Even 50 years ago, this would have been an egregious blasphemy. Three hundred years ago, it was commonplace for a widow to throw herself on the funeral pyre of her husband. This would be simply unthinkable today. Hinduism has shown itself capable of shedding many of its discriminatory (and frankly horrifying) practices while retaining its inner essence. If a traditional Hindu from five hundred years ago were to be somehow transported to modern-day, he would hardly recognize the religion that is practiced, yet he would feel immediately at home. This is the quality that has allowed India to retain its national character in the face of decades of modernization, centuries of colonial rule, and millennia of foreign conquest.
For years I was ashamed of my Indian ancestry. My first visits to India, in the early-to-mid 1990s, did little to cure me of this. Everywhere I looked I saw decay, stagnation and poverty. The streets would be lined with tents and shanty tenements, as far as the eye could see. Beggars of the most pathetic sort would choke the sidewalks; their hungry, imploring eyes making me feel immediately guilty for my unearned wealth. There seemed to be little hope anywhere.
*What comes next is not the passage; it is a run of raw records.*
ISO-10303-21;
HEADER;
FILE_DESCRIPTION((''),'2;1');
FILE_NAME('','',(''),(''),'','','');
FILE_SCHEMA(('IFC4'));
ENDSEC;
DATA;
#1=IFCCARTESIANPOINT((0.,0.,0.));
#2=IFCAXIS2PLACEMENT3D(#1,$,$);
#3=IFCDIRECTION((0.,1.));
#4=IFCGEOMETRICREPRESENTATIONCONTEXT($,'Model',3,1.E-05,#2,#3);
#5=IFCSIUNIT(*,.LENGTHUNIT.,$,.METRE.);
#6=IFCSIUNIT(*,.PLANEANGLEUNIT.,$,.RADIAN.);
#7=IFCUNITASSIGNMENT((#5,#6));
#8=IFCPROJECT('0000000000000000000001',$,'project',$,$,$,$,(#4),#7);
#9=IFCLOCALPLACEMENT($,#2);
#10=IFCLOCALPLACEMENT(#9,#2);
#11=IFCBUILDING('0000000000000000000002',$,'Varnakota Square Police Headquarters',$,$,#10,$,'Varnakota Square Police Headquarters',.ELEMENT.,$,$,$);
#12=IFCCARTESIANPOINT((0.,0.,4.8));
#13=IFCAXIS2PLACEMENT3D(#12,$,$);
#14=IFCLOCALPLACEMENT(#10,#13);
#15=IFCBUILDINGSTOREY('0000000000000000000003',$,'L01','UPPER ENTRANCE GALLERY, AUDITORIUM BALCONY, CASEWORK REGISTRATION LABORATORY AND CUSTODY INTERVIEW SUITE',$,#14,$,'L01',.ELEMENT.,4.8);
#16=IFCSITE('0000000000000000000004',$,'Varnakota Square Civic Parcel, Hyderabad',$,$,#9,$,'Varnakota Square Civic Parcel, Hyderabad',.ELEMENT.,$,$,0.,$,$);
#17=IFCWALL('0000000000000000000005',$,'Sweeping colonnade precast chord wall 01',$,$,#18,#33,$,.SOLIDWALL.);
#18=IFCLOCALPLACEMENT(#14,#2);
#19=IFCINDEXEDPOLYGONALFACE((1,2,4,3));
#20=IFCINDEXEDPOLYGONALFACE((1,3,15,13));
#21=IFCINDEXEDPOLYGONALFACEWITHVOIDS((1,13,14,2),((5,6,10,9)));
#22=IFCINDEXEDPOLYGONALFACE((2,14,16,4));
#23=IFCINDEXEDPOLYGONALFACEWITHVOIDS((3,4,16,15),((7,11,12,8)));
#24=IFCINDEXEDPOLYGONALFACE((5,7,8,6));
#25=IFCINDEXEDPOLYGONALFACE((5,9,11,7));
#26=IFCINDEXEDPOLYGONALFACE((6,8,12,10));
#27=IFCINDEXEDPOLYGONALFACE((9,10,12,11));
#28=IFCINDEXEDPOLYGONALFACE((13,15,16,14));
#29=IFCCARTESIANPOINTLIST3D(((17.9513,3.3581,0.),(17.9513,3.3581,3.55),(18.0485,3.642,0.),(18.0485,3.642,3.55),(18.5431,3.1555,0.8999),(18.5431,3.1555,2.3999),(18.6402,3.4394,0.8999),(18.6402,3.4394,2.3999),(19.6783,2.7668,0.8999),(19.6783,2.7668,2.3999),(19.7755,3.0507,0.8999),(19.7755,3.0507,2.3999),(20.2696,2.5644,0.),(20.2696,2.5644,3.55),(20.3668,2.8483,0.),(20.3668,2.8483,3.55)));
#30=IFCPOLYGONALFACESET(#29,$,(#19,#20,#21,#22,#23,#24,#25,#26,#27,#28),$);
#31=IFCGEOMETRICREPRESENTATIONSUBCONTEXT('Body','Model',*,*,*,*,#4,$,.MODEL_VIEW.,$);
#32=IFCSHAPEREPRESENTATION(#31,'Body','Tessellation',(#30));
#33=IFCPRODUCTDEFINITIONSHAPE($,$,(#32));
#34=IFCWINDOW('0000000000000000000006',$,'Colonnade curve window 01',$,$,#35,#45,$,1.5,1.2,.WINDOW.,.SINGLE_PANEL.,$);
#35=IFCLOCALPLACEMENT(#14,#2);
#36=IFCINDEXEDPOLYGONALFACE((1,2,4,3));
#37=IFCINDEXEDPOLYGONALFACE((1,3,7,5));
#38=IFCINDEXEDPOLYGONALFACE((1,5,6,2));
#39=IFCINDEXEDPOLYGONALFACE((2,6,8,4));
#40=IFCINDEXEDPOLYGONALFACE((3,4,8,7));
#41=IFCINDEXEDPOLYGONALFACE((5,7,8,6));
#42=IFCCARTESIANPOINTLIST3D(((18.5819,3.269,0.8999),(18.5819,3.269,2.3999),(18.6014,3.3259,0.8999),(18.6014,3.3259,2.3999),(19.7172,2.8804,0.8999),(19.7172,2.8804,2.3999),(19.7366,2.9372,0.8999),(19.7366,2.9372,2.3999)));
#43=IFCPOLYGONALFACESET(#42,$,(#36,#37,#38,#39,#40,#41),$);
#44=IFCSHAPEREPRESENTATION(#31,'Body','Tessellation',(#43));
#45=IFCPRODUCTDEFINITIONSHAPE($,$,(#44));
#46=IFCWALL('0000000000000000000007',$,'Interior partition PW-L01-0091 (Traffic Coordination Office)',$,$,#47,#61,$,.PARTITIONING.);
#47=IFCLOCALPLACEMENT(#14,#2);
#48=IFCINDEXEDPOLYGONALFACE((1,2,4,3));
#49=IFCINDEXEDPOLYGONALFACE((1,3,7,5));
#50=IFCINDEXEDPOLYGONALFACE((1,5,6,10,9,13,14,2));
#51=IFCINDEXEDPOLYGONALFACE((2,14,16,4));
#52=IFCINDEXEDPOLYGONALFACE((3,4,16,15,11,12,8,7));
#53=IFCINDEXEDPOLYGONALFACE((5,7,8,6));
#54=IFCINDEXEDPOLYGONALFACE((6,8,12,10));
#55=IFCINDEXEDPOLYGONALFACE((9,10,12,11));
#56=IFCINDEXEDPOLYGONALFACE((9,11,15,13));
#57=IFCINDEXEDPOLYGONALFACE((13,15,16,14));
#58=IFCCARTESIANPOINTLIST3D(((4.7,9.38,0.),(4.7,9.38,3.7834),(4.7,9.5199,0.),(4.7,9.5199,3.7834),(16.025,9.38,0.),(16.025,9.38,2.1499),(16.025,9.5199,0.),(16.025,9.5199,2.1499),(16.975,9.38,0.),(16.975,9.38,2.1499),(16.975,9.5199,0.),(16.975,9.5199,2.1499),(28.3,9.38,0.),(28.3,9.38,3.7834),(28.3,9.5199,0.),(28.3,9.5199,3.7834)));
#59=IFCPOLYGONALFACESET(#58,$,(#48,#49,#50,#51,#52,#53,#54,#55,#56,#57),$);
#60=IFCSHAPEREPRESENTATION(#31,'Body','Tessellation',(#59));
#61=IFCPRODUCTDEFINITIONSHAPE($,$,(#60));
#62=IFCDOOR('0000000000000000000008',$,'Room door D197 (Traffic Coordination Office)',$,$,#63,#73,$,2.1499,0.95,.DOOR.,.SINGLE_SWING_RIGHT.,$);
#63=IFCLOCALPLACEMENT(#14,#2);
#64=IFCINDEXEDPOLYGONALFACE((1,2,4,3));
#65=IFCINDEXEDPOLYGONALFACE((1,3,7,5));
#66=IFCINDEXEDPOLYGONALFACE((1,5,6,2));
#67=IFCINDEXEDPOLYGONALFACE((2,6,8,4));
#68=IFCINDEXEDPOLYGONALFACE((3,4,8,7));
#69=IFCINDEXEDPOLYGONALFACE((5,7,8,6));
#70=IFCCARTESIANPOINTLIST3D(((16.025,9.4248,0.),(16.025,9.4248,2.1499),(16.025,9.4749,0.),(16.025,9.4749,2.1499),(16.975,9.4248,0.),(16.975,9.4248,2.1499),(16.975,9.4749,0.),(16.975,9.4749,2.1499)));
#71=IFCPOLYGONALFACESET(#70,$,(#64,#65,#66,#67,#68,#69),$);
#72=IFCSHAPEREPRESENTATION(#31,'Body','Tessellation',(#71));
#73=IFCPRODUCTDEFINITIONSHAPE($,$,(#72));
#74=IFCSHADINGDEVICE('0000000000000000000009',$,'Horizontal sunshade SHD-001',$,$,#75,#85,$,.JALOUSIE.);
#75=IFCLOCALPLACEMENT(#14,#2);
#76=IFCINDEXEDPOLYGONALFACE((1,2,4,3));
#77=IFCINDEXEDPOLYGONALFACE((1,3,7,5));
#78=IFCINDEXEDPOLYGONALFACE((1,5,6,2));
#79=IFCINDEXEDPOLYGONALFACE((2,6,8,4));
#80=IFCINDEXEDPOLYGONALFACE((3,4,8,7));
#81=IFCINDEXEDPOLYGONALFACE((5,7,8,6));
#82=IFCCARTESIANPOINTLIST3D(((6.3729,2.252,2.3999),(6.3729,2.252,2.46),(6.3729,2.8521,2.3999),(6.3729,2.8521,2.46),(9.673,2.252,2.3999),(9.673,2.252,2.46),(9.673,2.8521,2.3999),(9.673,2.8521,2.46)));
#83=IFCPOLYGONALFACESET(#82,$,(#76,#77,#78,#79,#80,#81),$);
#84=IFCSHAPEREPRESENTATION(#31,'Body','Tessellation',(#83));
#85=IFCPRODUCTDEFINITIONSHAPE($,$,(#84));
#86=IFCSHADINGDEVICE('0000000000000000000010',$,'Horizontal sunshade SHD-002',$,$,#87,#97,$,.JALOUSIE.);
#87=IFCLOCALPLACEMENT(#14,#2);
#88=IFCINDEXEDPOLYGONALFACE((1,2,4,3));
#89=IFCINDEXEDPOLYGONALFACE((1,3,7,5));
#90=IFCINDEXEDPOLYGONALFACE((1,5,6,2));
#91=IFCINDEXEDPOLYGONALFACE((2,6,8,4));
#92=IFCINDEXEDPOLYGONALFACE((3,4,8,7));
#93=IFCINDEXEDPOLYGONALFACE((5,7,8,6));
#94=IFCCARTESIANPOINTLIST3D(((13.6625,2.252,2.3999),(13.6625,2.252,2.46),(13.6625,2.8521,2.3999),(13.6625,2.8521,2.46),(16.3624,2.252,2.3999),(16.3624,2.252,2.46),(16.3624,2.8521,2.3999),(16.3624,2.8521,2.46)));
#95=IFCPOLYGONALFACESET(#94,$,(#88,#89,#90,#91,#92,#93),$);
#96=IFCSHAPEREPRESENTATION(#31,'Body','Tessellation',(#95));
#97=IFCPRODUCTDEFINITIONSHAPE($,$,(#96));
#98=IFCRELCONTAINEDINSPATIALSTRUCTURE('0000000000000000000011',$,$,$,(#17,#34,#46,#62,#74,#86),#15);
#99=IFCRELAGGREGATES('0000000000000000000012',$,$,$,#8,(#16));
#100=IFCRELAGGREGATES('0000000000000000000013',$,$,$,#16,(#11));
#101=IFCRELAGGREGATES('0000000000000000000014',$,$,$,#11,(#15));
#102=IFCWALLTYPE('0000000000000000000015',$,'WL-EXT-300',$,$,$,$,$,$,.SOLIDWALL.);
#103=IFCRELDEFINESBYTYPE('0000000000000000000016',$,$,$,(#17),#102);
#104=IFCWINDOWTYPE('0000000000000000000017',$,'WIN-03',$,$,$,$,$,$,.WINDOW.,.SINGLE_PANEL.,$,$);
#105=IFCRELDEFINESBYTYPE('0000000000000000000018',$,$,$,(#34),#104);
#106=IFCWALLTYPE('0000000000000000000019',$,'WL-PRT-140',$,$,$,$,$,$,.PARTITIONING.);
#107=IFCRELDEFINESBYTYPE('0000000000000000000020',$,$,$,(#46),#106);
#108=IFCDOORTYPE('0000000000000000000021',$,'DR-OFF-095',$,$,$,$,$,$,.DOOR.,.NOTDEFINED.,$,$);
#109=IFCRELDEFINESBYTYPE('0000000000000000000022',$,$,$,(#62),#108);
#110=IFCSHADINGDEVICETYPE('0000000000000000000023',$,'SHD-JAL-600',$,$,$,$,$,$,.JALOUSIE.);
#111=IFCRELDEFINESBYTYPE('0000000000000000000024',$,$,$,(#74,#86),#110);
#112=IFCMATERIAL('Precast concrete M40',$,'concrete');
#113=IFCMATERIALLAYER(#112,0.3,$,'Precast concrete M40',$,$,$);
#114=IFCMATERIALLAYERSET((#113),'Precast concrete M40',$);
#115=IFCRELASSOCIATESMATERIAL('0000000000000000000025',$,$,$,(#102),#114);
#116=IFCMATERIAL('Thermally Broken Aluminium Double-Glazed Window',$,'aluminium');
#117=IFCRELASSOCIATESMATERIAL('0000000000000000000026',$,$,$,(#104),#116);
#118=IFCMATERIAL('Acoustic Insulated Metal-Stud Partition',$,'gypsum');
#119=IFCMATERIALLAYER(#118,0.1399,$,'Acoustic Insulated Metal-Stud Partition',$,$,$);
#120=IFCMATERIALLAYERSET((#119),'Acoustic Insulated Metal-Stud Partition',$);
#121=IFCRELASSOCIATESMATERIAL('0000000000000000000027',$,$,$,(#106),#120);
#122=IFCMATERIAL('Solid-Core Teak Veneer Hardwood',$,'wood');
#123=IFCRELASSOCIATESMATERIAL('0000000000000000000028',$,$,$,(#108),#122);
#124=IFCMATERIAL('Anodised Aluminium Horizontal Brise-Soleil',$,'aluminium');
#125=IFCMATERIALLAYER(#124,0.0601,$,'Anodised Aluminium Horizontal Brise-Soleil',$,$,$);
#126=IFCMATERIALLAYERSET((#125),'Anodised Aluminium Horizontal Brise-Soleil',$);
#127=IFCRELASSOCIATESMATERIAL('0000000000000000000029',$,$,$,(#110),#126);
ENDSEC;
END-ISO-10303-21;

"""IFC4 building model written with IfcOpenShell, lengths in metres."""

from ifc_helpers import new_model, si_unit, direction, frame, frame_2d, origin, origin_2d, place, context, subcontext, project, spatial, rectangle, extrude, material, layer, layer_set, type_object, element, fill, save


model = new_model("IFC4")

# Units and contexts
model_context = context("Model", 3, precision=1e-05, world=origin(), true_north=direction((0.0, 1.0)))
body_context = subcontext(model_context, "Body", "Model", "MODEL_VIEW")
ifc_project = project(units=[si_unit("LENGTHUNIT", "METRE"), si_unit("PLANEANGLEUNIT", "RADIAN")], contexts=[model_context])

# Site, building, storey
site_placement = place(None, origin())
site = spatial("IfcSite", under=ifc_project, at=site_placement, Name="Varnakota Square Civic Parcel, Hyderabad", LongName="Varnakota Square Civic Parcel, Hyderabad", CompositionType="ELEMENT", RefElevation=0.0)
building_placement = place(site_placement, origin())
building = spatial("IfcBuilding", under=site, at=building_placement, Name="Varnakota Square Police Headquarters", LongName="Varnakota Square Police Headquarters", CompositionType="ELEMENT")
storey_placement = place(building_placement, frame((0.0, 0.0, 4.8)))
storey = spatial("IfcBuildingStorey", under=building, at=storey_placement, Name="L01", Description="UPPER ENTRANCE GALLERY, AUDITORIUM BALCONY, CASEWORK REGISTRATION LABORATORY AND CUSTODY INTERVIEW SUITE", LongName="L01", CompositionType="ELEMENT", Elevation=4.8)

# Wall, opening, window
ifc_material_1 = material(Name="Precast concrete M40", Category="concrete")
ifc_layer_1 = layer(ifc_material_1, 0.3, Name="Precast concrete M40")
ifc_layer_set_1 = layer_set([ifc_layer_1], Name="Precast concrete M40")
wall_type_1 = type_object("IfcWallType", Name="WL-EXT-300", PredefinedType="SOLIDWALL", material=ifc_layer_set_1)
ifc_material_2 = material(Name="Thermally Broken Aluminium Double-Glazed Window", Category="aluminium")
wall_1_placement = place(storey_placement, frame((18.0, 3.5, 0.0), z_axis=(0.0, 0.0, 1.0), x_axis=(0.946092, -0.323899, 0.0)))
wall_1 = element("IfcWall", 1, at=wall_1_placement, inside=storey, type_object=wall_type_1, Name="Sweeping colonnade precast chord wall 01", PredefinedType="SOLIDWALL", context=body_context, shape_type="SweptSolid", body=[
    extrude(rectangle(XDim=2.4504, YDim=0.3, at=frame_2d((1.2251, 0.0))), origin(), (0.0, 0.0, 1.0), 3.55),
])
opening_1_placement = place(wall_1_placement, frame((0.6252, 0.0, 0.8999)))
opening_1 = element("IfcOpeningElement", 2, at=opening_1_placement, cuts=wall_1, PredefinedType="OPENING", context=body_context, shape_type="SweptSolid", body=[
    extrude(rectangle(XDim=1.2, YDim=1.5, at=frame_2d((0.6001, 0.75))), frame((0.0, 0.1599, 0.0), z_axis=(0.0, -1.0, 0.0), x_axis=(1.0, 0.0, 0.0)), (0.0, 0.0, 1.0), 0.3201),
])
window_type_1 = type_object("IfcWindowType", Name="WIN-03", PartitioningType="SINGLE_PANEL", PredefinedType="WINDOW", material=ifc_material_2)
window_1_placement = place(opening_1_placement, origin())
window_1 = element("IfcWindow", 3, at=window_1_placement, inside=storey, type_object=window_type_1, Name="Colonnade curve window 01", OverallHeight=1.5, OverallWidth=1.2, PartitioningType="SINGLE_PANEL", PredefinedType="WINDOW", context=body_context, shape_type="SweptSolid", body=[
    extrude(rectangle(XDim=1.2, YDim=1.5, at=frame_2d((0.6001, 0.75))), frame((0.0, 0.03, 0.0), z_axis=(0.0, -1.0, 0.0), x_axis=(1.0, 0.0, 0.0)), (0.0, 0.0, 1.0), 0.0601),
])
fill(opening_1, window_1)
I come away from India now with a far different picture. The country still suffers from many of the vices that kept it in subjugation: the lack of community sense, the disregard for laws, which are inconvenient and the near-absence of a defined national unity.
But India has shown herself to be capable of change, and the future now looks far brighter. India’s first Prime Minister, Jawaharlal Nehru, once said that India must become a country which one can be proud. It took 60 years for India to realize this. And as I look back, with the country quickly receding into the distance, I cannot help but be proud.